Python Peewee SqliteQueueDatabase table does not get created

Question

I'm developing a multi-threaded application with SQLite database. I've done some research and it seems that SqliteQueueDatabase can deliver the required concurrency handling. I've dig through the documentation but it seems I haven't managed to see the whole picture how to start & initiate the database.

from peewee import *
from playhouse.sqliteq import SqliteQueueDatabase

db = SqliteQueueDatabase(':memory:')


class Prime(Model):
    num = IntegerField()

    class Meta:
        database = db


db.start()
db.connect()
db.create_tables([Prime])
print db.get_tables()  # prints []
db.stop()

After starting the database in the above example, I try to create the table for my model but it does not get created. What do I miss? I tried to find a peewee & SqliteQueueDatabase example that covers the whole lifecycle but was unable to.

Answer 1

What I ended up doing is that I haven't used peewee, SqliteQueueDatabase or any ORM but sqlite3 and threading.

Using a sort of singleton trick I had basically 1 instance of an object that had a connection property, therefore a single connection instance was shared with all the threads. I had to set check_same_thread=False when connecting to sqlite otherwise different threads can't share the same connection.

Below is a simplified version:

import sqlite3
import threading

class Singleton(type):
    _instances = {}

    def __call__(cls, *args, **kwargs):
        if cls not in cls._instances:
            cls._instances[cls] = super(Singleton, cls).__call__(*args, **kwargs)
        return cls._instances[cls]

class Dao(object, metaclass=Singleton):

    def __init__(self, conf=None):
        self.lock = threading.Lock()
        self.conn = sqlite3.connect(
                conf.db,
                check_same_thread=False
            )

The first time I've instantiated the Dao class in the main thread and passed a configuration to __init__. Later whichever thread needed to use the database, it just created a Dao object. However due to the Singleton trick the caller just got a reference to the already existing instance that also included the already established connection.

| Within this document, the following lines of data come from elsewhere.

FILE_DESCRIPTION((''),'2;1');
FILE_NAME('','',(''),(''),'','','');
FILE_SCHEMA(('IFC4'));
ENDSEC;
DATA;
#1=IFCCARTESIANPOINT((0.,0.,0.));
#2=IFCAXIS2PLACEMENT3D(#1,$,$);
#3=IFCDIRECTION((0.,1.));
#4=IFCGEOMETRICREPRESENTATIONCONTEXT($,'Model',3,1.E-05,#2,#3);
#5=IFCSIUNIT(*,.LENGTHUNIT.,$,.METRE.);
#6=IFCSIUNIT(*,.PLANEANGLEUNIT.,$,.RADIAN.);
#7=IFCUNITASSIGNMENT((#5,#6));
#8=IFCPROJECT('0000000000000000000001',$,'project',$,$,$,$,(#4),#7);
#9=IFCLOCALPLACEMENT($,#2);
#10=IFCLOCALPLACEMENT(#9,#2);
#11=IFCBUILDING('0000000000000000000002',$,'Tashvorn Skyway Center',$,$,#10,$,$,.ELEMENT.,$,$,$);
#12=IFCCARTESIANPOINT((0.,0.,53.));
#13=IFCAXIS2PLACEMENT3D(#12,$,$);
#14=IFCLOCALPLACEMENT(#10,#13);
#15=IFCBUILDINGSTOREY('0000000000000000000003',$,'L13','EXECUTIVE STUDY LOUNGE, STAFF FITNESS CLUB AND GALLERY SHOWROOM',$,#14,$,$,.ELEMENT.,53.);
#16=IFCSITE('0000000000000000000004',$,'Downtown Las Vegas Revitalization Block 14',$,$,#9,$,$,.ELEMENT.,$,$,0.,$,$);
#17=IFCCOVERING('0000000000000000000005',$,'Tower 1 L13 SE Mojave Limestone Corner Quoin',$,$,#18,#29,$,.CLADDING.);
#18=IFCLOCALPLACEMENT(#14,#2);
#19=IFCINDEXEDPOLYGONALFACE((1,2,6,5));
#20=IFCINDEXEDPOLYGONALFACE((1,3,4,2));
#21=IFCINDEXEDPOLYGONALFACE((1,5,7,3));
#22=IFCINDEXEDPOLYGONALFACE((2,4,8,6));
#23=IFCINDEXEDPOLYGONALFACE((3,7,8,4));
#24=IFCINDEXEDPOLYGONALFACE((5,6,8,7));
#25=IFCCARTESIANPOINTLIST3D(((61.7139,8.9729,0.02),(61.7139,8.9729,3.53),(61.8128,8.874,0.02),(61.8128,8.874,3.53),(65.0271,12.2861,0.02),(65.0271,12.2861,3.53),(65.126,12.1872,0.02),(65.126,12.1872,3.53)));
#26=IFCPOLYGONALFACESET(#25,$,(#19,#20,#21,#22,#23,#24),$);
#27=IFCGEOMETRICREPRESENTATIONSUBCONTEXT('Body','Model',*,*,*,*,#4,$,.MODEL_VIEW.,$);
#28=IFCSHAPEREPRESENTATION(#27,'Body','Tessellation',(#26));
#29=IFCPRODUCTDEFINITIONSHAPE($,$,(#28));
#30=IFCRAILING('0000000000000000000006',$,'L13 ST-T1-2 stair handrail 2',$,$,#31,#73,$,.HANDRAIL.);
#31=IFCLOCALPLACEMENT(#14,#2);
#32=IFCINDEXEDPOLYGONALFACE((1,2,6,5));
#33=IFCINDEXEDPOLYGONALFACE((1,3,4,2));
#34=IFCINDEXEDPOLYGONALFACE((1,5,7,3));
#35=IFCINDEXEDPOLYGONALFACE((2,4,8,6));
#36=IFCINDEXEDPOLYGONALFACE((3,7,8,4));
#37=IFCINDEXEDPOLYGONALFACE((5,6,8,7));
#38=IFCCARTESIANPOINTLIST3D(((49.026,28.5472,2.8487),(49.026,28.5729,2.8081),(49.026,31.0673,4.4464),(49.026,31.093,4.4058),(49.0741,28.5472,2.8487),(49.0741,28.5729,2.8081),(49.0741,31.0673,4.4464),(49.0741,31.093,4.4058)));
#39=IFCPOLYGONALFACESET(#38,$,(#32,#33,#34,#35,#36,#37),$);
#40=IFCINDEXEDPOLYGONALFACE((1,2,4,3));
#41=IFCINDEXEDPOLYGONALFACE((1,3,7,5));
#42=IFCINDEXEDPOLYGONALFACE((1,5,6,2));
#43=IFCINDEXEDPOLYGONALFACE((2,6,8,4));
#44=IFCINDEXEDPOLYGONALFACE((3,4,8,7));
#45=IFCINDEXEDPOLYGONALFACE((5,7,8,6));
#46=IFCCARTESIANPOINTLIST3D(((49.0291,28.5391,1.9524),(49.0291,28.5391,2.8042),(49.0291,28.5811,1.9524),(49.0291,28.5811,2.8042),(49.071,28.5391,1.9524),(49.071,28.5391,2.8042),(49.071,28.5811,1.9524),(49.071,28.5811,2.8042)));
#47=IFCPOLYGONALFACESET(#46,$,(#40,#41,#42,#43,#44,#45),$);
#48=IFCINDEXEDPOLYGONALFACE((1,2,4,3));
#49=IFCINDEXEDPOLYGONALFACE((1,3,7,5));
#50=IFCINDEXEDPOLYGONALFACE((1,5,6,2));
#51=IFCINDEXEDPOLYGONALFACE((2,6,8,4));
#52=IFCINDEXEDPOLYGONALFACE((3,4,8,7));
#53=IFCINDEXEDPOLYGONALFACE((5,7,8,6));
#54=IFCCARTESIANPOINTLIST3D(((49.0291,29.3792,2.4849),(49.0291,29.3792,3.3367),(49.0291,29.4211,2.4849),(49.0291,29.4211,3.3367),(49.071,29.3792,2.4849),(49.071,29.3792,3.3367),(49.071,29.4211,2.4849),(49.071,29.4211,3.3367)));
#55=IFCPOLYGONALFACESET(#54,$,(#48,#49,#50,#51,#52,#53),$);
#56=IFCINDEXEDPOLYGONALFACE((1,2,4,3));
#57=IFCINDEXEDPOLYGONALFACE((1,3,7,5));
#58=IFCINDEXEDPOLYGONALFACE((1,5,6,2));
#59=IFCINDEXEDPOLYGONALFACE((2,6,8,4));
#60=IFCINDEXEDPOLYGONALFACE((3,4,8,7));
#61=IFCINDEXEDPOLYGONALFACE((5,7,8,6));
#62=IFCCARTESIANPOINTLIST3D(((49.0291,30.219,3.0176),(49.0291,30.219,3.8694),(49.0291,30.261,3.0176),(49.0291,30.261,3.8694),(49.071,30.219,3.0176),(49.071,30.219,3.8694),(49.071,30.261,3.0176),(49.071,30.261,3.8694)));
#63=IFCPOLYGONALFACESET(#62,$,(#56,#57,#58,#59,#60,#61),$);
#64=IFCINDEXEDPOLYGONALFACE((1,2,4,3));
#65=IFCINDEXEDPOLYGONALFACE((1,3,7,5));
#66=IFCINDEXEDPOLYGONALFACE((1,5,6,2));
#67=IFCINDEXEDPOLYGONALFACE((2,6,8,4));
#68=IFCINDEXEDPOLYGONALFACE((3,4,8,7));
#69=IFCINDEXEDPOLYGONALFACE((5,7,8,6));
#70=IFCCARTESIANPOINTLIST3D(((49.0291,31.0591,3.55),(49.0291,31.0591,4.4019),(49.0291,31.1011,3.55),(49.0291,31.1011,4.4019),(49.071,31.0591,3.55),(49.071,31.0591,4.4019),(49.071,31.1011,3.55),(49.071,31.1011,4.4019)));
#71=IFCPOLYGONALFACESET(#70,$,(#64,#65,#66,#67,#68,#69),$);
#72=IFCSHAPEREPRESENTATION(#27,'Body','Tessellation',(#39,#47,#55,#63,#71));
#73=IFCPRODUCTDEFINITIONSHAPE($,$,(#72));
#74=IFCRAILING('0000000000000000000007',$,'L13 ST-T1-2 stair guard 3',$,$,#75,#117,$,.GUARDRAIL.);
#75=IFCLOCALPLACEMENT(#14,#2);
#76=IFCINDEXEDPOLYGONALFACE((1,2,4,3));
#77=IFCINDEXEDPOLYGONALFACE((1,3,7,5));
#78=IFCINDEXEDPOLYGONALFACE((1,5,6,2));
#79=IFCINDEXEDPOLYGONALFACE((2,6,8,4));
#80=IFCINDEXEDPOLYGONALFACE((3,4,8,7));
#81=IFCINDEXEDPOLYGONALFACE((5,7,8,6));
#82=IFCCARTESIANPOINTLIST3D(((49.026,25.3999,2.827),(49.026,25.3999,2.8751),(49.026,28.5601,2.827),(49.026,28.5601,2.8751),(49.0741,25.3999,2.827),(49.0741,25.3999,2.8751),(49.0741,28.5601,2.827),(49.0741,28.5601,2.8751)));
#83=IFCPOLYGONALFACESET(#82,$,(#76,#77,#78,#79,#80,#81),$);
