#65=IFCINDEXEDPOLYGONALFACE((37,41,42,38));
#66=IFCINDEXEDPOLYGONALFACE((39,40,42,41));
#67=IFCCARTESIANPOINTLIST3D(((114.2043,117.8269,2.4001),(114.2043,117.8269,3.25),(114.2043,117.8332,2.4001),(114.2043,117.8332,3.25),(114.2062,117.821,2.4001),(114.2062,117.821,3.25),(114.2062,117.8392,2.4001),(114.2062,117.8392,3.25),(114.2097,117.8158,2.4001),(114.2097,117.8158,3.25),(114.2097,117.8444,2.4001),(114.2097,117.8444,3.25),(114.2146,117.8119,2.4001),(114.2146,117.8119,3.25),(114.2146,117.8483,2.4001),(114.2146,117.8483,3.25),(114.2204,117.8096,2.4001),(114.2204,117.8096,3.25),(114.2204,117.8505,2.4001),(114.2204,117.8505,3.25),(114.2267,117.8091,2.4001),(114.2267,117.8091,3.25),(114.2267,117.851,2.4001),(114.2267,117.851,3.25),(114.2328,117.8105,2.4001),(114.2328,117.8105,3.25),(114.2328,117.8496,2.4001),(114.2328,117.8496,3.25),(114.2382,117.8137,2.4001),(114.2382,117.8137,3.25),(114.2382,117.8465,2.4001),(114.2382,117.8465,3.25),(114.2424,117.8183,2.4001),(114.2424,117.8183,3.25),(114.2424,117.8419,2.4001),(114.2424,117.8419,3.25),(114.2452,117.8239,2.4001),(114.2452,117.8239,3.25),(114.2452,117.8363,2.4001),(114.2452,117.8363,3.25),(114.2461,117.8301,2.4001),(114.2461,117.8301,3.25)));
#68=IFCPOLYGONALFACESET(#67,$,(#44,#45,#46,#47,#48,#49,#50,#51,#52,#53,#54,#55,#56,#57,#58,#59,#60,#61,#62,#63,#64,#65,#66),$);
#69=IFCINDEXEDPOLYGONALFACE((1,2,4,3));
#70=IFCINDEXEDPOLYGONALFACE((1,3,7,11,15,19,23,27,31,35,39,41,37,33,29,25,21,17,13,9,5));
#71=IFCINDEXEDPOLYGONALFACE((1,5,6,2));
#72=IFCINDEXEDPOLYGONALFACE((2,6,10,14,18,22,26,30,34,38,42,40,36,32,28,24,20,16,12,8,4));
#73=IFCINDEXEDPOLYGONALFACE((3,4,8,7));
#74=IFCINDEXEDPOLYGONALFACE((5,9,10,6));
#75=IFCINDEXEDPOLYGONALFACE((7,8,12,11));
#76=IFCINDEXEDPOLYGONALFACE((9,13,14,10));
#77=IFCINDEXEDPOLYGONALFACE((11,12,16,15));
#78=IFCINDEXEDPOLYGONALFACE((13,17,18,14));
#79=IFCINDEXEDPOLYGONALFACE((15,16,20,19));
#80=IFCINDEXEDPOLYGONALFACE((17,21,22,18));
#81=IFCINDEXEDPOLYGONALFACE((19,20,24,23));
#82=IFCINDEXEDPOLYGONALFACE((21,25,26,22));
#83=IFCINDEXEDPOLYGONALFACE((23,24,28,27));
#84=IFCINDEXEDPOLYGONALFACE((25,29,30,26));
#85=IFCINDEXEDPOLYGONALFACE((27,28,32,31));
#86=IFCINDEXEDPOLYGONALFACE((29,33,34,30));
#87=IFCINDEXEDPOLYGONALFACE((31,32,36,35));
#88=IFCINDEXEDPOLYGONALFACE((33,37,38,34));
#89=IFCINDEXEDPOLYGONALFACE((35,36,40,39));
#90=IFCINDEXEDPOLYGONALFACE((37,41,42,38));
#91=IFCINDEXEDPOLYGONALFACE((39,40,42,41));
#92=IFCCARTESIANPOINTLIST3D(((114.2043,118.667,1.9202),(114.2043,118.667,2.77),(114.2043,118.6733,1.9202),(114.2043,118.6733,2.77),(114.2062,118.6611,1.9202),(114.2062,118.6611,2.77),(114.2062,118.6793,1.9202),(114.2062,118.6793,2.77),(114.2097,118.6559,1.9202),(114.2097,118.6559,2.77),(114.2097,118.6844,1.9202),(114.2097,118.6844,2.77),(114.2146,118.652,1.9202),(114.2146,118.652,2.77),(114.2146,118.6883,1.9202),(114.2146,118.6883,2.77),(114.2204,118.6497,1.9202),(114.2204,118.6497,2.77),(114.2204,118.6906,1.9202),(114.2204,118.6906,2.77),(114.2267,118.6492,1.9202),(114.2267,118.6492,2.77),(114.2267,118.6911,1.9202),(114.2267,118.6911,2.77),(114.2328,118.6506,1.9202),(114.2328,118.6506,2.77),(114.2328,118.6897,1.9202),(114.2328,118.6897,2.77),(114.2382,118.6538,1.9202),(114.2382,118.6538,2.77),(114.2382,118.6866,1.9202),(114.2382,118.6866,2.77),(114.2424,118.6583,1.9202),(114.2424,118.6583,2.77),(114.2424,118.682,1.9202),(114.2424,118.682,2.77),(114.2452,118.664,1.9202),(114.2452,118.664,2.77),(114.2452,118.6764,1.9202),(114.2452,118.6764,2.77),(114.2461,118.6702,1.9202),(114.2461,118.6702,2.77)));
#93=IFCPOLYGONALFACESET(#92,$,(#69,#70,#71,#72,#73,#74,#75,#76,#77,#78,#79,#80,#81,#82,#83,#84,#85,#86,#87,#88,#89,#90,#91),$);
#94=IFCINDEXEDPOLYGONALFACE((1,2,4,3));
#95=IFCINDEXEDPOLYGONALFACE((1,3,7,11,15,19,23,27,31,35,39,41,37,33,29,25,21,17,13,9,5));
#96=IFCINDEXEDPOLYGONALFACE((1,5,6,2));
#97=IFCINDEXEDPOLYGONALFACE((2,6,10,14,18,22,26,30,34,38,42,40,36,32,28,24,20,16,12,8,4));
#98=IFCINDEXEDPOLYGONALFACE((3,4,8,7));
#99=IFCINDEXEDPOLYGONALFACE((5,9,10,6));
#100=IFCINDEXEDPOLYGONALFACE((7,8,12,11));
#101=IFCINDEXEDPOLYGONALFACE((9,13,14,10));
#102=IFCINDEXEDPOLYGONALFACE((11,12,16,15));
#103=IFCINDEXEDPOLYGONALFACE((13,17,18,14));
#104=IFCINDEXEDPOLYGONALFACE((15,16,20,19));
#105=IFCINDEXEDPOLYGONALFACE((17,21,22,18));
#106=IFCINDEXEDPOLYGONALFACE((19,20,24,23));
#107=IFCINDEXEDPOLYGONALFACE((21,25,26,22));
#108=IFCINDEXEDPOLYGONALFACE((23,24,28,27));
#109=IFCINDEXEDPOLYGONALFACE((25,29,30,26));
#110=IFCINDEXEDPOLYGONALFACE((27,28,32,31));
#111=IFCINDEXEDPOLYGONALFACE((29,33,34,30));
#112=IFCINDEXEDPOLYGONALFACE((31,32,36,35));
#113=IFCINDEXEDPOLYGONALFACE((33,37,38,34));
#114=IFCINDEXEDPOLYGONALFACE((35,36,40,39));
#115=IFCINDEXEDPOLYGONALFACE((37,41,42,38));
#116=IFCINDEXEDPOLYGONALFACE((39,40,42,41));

I added all my DB operations as methods to this Dao class. In order to avoid repeating the locking, I've created decorators using wraps.

from functools import wraps

def transaction_read_write(fn):
    @wraps(fn)
    def wrapper(self, *args, **kwargs):
        self.lock.acquire()
        # execute wrapped method and perform commit
        try:
            ret = fn(self, *args, **kwargs)
            self.conn.commit()
        except Exception as e:
            # perform rollback in case of an error
            # also in real world application do some logging here
            self.conn.rollback()
            raise e
        finally:
            # release acquired lock
            self.lock.release()
        return ret
    return wrapper

I had a similar wrapper for read-only operations but without commit/rollback. I made it configurable in that one whether to perform locking during read-only operations -- just to be able to adjust locking behaviour without a new release should a DB concurrency issue occur in prod.

Now all I had to do is to add my custom transaction decorators to the Dao methods. (In real life a transaction can be made up from several SQL commands of course. Therefore I had some atomic methods without transaction annotation which were never called directly from outside. They were called only by some other Dao methods which performed several calls within a single transaction so these complex methods had transaction annotations. I was very careful with how large and how fast these transactions were because in my case the locking mechanism basically prevented the other threads from working with the DB at the same time.)

So a Dao method could look something like:

@transaction_read_write
def set_processed_files(self, id, num_files):
    cur = self.conn.cursor()
    cur.execute("UPDATE jobs SET num_files = ? WHERE job_id = ?", (num_files, id))

At the end I decided not to use peewee but I hope there is something useful in my example.

Answer 2

I've run into this problem and it seems that the read query completes before create_tables() does.

My fix is to throw in back-to-back db.stop() db.start() calls. Forcing code execution to wait until all database write queries are completed.

from peewee import *
from playhouse.sqliteq import SqliteQueueDatabase

db = SqliteQueueDatabase('db.sqlite3')


class Prime(Model):
    num = IntegerField()

class Meta:
    database = db


db.start()
db.connect()
db.create_tables([Prime])
db.stop() #  Wait for create_tables() to complete
db.start() #  Continue execution
print db.get_tables()
db.stop()

Answer 3

You're using an in-memory database. In-memory databases use a connection-per-thread. So unless you specifically use the shared-memory mode (you'll have to consult the sqlite docs) you are out-of-luck.

Use a file-based db and your example will run fine.